The Strongest Man on Earth

Alec Hurley, born on this day (probably!) in 1871, is mostly remembered for being Marie Lloyd’s second husband. He was also a music hall performer in his own right, however, and I recently stumbled across a song of his in the MusiCB3 stacks.

The song is called The Strongest Man on Earth, and it was written to commemorate a contest between two professional athletes. Charles A. Sampson, a strongman and variety performer, was billed on the music hall stage as the ‘strongest man in the world’. Sampson was popular with audiences, but in an attempt to drum up even more publicity around his acts, he offered up a challenge during one of his performances – on 2nd November 1889 there was a prize of £500 offered to anyone who could match Sampson’s weightlifting feats, the assumption being that no one would come close and the money would go to Sampson. This rather backfired for Sampson when the challenge was accepted by Eugen Sandow, who managed to lift an even greater weight than offered. The illustrated title page for the resulting song shows Sandow effortlessly lifting a ridiculously heavy weight with one hand, watched by an irate Sampson…

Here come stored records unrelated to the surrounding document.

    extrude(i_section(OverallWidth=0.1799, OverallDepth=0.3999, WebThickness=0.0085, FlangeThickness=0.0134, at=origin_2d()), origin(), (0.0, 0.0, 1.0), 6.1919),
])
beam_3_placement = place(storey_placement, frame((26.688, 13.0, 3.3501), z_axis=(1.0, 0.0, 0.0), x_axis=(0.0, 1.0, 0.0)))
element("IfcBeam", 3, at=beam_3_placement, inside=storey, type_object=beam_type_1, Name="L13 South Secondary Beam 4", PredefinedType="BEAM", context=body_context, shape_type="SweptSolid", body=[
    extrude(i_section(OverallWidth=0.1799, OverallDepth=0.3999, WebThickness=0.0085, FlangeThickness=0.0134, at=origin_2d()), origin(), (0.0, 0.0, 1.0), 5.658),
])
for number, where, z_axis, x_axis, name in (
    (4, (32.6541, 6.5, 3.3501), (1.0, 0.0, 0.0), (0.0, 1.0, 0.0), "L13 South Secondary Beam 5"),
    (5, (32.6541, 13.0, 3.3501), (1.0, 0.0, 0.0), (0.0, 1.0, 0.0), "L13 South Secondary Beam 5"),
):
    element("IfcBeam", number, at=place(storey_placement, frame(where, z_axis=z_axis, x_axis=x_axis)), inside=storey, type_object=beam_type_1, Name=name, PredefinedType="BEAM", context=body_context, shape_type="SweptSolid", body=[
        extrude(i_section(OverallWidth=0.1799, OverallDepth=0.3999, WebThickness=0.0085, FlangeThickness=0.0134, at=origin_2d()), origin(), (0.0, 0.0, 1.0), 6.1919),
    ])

The song was written for and ‘sung with great success by Alec Hurley’. Before turning to music hall performing as his main career, Alec Hurley was a boxer, and he would apparently perform this song after his boxing matches (I do wonder what he sang if he lost though..!).

Born in Hackney in 1871, Alexander Hurley worked as a dockworker before treading the boards as a boxer and music hall performer. As his career went more towards performing he became known as ‘The Coster King’, singing songs full of cockney-style humour, and was likened to performers like Albert Chevalier. He married the ‘queen of the music hall’ Marie Lloyd in 1906. The marriage was short-lived, but in the early years of their relationship Lloyd and Hurley would perform and tour together, and they also worked together on organising and funding the music hall strikes of 1907.

Alec Hurley’s music hall career suffered by comparison with Marie Lloyd’s, and seems to have been one reason for their eventual estrangement and divorce, after which Hurley stopped performing. There are several music hall songs still mainly associated with Hurley, however, including The Lambeth Walk (not to be confused with the more famous song of the same name from Me and My Girl), ‘Arry ‘Arry Arry’ and I Ain’t-a Goin’ to Tell.

Hurley died in December 1913, and is buried in Tower Hamlets Cemetery. His grave was restored in 2001 as part of a British Music Hall Society restoration project.